Interest Rate Risk is the risk of loss of a bank's current and future income and the risk of erosion in the value of assets and liabilities on account of movement in the interest rates. Fluctuations in interest rates affect Interest-sensitive income and expenses which may adversely affect the earnings (Net Interest Income) of banks and financial Institutions (FIs). The changes in the value of cashflow results into changes in underlying value of a bank’s assets, liabilities, and off-balance sheet items and hence its economic value. Interest rate changes have bearing on the capital as it affects the cashflows and values of future cash flows. Thus, changes in Interest can adversely affect liquidity, earnings, capital, and solvency of banks and FIs.
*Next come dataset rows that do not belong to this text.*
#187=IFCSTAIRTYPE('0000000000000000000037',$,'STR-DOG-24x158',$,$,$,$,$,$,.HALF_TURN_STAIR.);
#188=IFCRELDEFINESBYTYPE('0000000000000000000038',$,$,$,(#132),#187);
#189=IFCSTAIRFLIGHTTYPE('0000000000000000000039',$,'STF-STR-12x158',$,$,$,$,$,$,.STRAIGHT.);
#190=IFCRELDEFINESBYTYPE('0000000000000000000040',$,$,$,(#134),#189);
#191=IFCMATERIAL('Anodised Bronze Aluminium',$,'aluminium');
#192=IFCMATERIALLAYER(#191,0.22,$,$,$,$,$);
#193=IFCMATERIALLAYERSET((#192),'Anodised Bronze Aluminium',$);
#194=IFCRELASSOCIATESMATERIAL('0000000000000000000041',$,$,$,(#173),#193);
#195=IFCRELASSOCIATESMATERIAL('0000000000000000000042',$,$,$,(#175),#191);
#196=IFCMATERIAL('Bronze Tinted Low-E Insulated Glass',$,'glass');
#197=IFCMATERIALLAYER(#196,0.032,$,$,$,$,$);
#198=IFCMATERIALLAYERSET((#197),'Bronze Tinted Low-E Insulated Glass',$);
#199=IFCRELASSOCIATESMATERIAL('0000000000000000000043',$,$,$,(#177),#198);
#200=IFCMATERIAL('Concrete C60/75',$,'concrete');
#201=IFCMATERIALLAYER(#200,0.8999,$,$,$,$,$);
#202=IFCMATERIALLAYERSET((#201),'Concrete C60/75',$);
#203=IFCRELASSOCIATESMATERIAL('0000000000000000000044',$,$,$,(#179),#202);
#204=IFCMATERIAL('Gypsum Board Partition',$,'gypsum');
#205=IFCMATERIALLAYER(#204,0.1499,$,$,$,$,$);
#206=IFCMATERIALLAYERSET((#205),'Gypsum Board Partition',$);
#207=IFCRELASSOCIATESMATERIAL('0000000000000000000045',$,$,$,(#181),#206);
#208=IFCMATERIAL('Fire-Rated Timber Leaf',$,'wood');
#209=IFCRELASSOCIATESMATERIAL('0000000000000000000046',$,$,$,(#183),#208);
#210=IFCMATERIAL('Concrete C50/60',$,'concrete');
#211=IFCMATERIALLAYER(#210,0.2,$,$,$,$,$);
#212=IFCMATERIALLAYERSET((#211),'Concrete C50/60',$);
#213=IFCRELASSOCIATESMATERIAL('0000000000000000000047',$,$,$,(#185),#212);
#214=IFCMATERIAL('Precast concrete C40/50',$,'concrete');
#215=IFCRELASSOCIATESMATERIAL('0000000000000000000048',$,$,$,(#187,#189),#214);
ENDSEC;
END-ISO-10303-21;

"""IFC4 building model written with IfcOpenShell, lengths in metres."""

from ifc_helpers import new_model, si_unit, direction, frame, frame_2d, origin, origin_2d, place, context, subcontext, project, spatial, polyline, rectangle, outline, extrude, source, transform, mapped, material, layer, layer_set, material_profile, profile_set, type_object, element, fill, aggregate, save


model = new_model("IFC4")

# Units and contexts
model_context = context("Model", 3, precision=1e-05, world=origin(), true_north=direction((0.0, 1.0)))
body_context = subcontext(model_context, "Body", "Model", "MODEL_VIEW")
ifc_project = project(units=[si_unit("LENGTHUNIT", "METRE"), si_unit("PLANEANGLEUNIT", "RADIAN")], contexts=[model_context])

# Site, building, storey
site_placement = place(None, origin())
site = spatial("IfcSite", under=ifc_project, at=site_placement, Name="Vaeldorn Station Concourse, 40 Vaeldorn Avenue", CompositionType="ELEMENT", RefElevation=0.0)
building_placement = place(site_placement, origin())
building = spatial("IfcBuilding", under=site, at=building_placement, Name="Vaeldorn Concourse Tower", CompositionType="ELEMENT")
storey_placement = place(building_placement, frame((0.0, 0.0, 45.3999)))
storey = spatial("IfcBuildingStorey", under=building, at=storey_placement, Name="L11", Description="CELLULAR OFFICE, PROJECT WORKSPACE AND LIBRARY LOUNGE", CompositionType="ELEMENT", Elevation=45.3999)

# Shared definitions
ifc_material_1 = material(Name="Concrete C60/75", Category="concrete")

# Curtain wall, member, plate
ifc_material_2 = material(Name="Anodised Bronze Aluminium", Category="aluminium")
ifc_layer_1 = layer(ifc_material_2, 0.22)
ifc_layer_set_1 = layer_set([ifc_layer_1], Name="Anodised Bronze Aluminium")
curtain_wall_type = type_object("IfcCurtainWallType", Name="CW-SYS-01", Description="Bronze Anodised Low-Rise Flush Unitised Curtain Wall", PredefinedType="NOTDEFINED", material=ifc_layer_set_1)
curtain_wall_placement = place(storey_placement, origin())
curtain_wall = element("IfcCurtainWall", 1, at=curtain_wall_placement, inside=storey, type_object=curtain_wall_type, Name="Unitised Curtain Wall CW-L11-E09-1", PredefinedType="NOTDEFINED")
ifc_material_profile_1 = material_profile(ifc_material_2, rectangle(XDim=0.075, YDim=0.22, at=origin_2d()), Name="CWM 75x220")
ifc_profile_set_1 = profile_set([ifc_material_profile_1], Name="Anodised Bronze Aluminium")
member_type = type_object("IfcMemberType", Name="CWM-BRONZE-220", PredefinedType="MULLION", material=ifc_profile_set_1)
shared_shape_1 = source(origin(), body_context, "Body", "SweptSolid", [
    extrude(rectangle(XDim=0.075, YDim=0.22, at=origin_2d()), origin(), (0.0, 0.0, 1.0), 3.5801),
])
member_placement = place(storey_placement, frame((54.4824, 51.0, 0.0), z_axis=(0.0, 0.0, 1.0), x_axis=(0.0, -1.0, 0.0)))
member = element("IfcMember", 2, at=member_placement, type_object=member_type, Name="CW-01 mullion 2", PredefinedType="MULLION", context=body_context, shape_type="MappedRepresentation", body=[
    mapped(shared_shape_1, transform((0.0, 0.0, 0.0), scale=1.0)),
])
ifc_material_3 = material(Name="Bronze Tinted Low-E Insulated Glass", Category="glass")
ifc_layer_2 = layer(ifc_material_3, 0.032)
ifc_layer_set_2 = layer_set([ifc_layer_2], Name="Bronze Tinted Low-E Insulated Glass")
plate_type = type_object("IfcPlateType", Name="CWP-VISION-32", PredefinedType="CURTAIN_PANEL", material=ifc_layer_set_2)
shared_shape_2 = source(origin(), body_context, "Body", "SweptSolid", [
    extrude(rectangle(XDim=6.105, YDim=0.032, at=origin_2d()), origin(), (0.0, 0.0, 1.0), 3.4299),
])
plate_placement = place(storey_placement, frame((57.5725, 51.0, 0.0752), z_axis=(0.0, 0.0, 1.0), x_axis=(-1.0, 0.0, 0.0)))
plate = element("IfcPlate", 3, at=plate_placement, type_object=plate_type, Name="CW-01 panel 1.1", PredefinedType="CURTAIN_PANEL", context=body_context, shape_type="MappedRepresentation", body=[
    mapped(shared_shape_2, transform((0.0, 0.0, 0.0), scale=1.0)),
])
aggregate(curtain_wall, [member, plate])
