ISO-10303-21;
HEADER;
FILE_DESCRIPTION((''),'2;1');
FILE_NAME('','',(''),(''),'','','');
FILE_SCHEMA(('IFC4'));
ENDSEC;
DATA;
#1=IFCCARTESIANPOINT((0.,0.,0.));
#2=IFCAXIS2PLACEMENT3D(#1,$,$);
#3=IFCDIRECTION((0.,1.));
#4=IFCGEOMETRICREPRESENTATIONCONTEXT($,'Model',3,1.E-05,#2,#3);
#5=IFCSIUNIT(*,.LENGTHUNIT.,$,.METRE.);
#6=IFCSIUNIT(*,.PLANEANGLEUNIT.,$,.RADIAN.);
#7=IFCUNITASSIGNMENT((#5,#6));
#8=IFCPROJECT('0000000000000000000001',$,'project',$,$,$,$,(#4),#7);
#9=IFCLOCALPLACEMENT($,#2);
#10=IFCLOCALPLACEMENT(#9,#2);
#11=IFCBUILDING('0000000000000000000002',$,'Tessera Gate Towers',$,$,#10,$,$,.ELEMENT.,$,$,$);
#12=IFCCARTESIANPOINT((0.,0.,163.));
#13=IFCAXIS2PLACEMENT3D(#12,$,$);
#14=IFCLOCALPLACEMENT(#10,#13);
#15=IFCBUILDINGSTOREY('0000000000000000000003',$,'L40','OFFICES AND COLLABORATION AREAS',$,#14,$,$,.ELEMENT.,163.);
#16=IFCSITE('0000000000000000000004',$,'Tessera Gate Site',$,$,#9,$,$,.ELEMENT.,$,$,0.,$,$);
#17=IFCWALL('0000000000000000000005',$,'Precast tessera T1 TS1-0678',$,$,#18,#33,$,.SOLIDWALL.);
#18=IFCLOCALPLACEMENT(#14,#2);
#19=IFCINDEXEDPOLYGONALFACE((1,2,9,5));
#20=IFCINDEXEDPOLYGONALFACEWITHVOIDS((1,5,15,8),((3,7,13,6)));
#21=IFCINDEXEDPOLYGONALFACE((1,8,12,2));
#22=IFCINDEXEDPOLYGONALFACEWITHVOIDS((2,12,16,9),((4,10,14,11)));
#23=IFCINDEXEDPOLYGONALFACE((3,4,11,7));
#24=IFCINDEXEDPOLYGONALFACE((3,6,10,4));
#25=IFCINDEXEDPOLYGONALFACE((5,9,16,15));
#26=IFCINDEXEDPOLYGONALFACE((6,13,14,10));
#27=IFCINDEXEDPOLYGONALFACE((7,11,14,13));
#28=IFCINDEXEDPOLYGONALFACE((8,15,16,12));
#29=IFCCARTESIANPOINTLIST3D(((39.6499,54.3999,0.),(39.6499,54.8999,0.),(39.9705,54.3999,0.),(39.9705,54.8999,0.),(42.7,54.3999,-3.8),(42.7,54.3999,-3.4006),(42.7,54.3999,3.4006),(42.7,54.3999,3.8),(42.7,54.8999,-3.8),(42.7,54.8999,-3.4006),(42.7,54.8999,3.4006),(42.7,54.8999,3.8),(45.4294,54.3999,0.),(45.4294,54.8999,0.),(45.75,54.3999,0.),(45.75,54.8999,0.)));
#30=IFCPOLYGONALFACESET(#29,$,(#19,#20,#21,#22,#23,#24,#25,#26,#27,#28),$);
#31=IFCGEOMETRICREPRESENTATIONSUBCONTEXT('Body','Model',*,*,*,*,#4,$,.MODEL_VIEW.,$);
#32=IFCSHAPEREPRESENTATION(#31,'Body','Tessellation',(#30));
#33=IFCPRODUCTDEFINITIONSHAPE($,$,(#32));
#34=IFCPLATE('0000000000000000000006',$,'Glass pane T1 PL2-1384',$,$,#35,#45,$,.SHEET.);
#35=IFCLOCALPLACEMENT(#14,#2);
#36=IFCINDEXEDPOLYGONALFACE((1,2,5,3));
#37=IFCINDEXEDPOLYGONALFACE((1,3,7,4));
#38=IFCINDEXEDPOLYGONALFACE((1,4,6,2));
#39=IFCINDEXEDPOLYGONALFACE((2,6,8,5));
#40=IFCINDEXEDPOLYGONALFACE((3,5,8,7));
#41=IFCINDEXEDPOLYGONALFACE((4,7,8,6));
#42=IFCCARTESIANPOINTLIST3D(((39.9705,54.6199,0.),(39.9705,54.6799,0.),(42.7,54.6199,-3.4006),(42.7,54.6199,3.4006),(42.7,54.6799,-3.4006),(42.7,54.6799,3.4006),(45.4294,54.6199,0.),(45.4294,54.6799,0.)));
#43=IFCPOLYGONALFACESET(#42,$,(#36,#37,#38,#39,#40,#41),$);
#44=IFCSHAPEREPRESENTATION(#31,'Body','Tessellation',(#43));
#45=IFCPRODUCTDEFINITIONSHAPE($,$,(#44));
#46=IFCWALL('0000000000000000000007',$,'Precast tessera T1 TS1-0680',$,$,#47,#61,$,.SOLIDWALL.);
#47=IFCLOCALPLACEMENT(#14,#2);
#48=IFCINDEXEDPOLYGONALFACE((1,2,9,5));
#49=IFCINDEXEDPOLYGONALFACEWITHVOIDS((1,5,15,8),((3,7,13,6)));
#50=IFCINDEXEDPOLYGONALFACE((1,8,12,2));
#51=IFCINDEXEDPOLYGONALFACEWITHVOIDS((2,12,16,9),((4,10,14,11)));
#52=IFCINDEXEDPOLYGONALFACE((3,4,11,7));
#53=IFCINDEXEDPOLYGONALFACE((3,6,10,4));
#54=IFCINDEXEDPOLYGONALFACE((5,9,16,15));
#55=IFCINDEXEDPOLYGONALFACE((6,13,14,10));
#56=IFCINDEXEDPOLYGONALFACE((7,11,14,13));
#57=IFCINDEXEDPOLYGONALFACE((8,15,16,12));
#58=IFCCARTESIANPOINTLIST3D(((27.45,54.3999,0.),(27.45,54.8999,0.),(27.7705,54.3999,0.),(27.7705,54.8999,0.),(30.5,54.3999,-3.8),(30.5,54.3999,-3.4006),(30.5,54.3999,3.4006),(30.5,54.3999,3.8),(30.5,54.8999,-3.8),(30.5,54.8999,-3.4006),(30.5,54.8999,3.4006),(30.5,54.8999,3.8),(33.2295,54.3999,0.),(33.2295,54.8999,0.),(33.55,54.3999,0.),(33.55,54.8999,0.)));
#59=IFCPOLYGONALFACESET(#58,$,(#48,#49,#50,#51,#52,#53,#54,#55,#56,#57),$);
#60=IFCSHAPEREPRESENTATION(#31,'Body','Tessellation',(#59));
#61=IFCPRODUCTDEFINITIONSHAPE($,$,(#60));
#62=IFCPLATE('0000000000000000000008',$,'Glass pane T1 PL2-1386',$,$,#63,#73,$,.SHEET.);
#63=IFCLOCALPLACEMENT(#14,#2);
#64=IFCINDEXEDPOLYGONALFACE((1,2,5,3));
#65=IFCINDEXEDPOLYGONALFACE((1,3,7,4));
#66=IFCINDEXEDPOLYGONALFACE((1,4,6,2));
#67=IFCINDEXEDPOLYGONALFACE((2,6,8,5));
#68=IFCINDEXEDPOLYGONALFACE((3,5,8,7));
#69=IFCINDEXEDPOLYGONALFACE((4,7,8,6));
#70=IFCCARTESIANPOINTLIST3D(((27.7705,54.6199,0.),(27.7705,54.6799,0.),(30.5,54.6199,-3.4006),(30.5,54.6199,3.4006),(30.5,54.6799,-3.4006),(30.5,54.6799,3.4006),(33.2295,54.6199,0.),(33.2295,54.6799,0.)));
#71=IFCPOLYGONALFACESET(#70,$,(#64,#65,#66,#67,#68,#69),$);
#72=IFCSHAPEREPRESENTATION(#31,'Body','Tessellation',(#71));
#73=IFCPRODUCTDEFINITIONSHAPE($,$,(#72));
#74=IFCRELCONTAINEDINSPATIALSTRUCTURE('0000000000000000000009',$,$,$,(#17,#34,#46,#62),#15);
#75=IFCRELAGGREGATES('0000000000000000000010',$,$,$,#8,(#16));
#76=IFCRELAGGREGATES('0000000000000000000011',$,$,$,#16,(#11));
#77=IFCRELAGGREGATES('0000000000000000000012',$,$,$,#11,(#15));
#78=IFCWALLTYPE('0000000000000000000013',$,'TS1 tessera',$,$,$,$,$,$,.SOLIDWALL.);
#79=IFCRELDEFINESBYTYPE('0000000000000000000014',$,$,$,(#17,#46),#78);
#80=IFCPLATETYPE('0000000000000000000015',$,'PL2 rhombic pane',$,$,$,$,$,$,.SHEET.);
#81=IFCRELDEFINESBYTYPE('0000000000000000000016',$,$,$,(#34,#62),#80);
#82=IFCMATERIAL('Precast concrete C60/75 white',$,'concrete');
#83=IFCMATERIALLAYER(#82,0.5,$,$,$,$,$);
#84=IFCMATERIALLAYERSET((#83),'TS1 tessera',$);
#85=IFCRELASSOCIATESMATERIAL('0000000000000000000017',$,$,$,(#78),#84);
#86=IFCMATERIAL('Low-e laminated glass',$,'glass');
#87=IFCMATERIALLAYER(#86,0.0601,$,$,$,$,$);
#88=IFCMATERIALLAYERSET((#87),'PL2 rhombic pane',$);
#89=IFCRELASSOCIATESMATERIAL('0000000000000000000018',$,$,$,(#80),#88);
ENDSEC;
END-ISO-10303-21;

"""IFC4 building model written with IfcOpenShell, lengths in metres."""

from ifc_helpers import new_model, si_unit, direction, frame, origin, place, context, subcontext, project, spatial, polyline, outline, extrude, source, transform, mapped, material, layer, layer_set, type_object, element, fill, save


model = new_model("IFC4")

# Units and contexts
model_context = context("Model", 3, precision=1e-05, world=origin(), true_north=direction((0.0, 1.0)))
body_context = subcontext(model_context, "Body", "Model", "MODEL_VIEW")
ifc_project = project(units=[si_unit("LENGTHUNIT", "METRE"), si_unit("PLANEANGLEUNIT", "RADIAN")], contexts=[model_context])

# Site, building, storey
site_placement = place(None, origin())
site = spatial("IfcSite", under=ifc_project, at=site_placement, Name="Tessera Gate Site", CompositionType="ELEMENT", RefElevation=0.0)
building_placement = place(site_placement, origin())
building = spatial("IfcBuilding", under=site, at=building_placement, Name="Tessera Gate Towers", CompositionType="ELEMENT")
storey_placement = place(building_placement, frame((0.0, 0.0, 163.0)))
storey = spatial("IfcBuildingStorey", under=building, at=storey_placement, Name="L40", Description="OFFICES AND COLLABORATION AREAS", CompositionType="ELEMENT", Elevation=163.0)

# Walls, openings, plates
ifc_material_1 = material(Name="Precast concrete C60/75 white", Category="concrete")
ifc_layer_1 = layer(ifc_material_1, 0.5)
ifc_layer_set_1 = layer_set([ifc_layer_1], Name="TS1 tessera")
wall_type_1 = type_object("IfcWallType", Name="TS1 tessera", PredefinedType="SOLIDWALL", material=ifc_layer_set_1)
shared_shape_1 = source(origin(), body_context, "Body", "SweptSolid", [
    extrude(outline(polyline([(3.05, 0.0), (6.1001, 3.8), (3.05, 7.6001), (0.0, 3.8), (3.05, 0.0)])), frame((0.0, 0.25, 0.0), z_axis=(0.0, -1.0, 0.0), x_axis=(1.0, 0.0, 0.0)), (0.0, 0.0, 1.0), 0.5),
])
wall_1_placement = place(storey_placement, frame((45.75, 54.6499, -3.8), z_axis=(0.0, 0.0, 1.0), x_axis=(-1.0, 0.0, 0.0)))
wall_1 = element("IfcWall", 1, at=wall_1_placement, inside=storey, type_object=wall_type_1, Name="Precast tessera T1 TS1-0678", PredefinedType="SOLIDWALL", context=body_context, shape_type="MappedRepresentation", body=[
    mapped(shared_shape_1, transform((0.0, 0.0, 0.0), scale=1.0)),
])
shared_shape_2 = source(origin(), body_context, "Body", "SweptSolid", [
    extrude(outline(polyline([(3.05, 0.3994), (5.7795, 3.8), (3.05, 7.2007), (0.3206, 3.8), (3.05, 0.3994)])), frame((0.0, 0.26, 0.0), z_axis=(0.0, -1.0, 0.0), x_axis=(1.0, 0.0, 0.0)), (0.0, 0.0, 1.0), 0.52),
])
opening_1_placement = place(wall_1_placement, origin())
opening_1 = element("IfcOpeningElement", 2, at=opening_1_placement, cuts=wall_1, PredefinedType="OPENING", context=body_context, shape_type="MappedRepresentation", body=[
    mapped(shared_shape_2, transform((0.0, 0.0, 0.0), scale=1.0)),
])
ifc_material_2 = material(Name="Low-e laminated glass", Category="glass")
ifc_layer_2 = layer(ifc_material_2, 0.0601)
ifc_layer_set_2 = layer_set([ifc_layer_2], Name="PL2 rhombic pane")
plate_type = type_object("IfcPlateType", Name="PL2 rhombic pane", PredefinedType="SHEET", material=ifc_layer_set_2)
shared_shape_3 = source(origin(), body_context, "Body", "SweptSolid", [
    extrude(outline(polyline([(3.05, 0.3994), (5.7795, 3.8), (3.05, 7.2007), (0.3206, 3.8), (3.05, 0.3994)])), frame((0.0, 0.03, 0.0), z_axis=(0.0, -1.0, 0.0), x_axis=(1.0, 0.0, 0.0)), (0.0, 0.0, 1.0), 0.0601),
])
plate_1_placement = place(opening_1_placement, origin())
plate_1 = element("IfcPlate", 3, at=plate_1_placement, inside=storey, type_object=plate_type, Name="Glass pane T1 PL2-1384", PredefinedType="SHEET", context=body_context, shape_type="MappedRepresentation", body=[
    mapped(shared_shape_3, transform((0.0, 0.0, 0.0), scale=1.0)),
])
fill(opening_1, plate_1)
wall_2_placement = place(storey_placement, frame((33.55, 54.6499, -3.8), z_axis=(0.0, 0.0, 1.0), x_axis=(-1.0, 0.0, 0.0)))
wall_2 = element("IfcWall", 4, at=wall_2_placement, inside=storey, type_object=wall_type_1, Name="Precast tessera T1 TS1-0680", PredefinedType="SOLIDWALL", context=body_context, shape_type="MappedRepresentation", body=[
    mapped(shared_shape_1, transform((0.0, 0.0, 0.0), scale=1.0)),
])
opening_2_placement = place(wall_2_placement, origin())
opening_2 = element("IfcOpeningElement", 5, at=opening_2_placement, cuts=wall_2, PredefinedType="OPENING", context=body_context, shape_type="MappedRepresentation", body=[
    mapped(shared_shape_2, transform((0.0, 0.0, 0.0), scale=1.0)),
])
plate_2_placement = place(opening_2_placement, origin())
plate_2 = element("IfcPlate", 6, at=plate_2_placement, inside=storey, type_object=plate_type, Name="Glass pane T1 PL2-1386", PredefinedType="SHEET", context=body_context, shape_type="MappedRepresentation", body=[
    mapped(shared_shape_3, transform((0.0, 0.0, 0.0), scale=1.0)),
])
fill(opening_2, plate_2)

save(model, "model.ifc")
Changes in interest rates impact a bank’s earnings (i.e. reported profits) through changes in its Net Interest Income (NII). Changes in interest rates also impact a bank’s Market Value of Equity (MVE) through changes in the economic value of its interest rate sensitive assets, liabilities and off-balance sheet positions. The interest rate risk, when viewed from these two perspectives, is known as ‘ earnings perspective’ and ‘econ omic value perspective’ , respectively.

Interest rate risk affects both trading book and banking book of the banks. Interest Rate Risk is prevalent on both the asset as well as the liability sides of the bank’s Balance Sheet.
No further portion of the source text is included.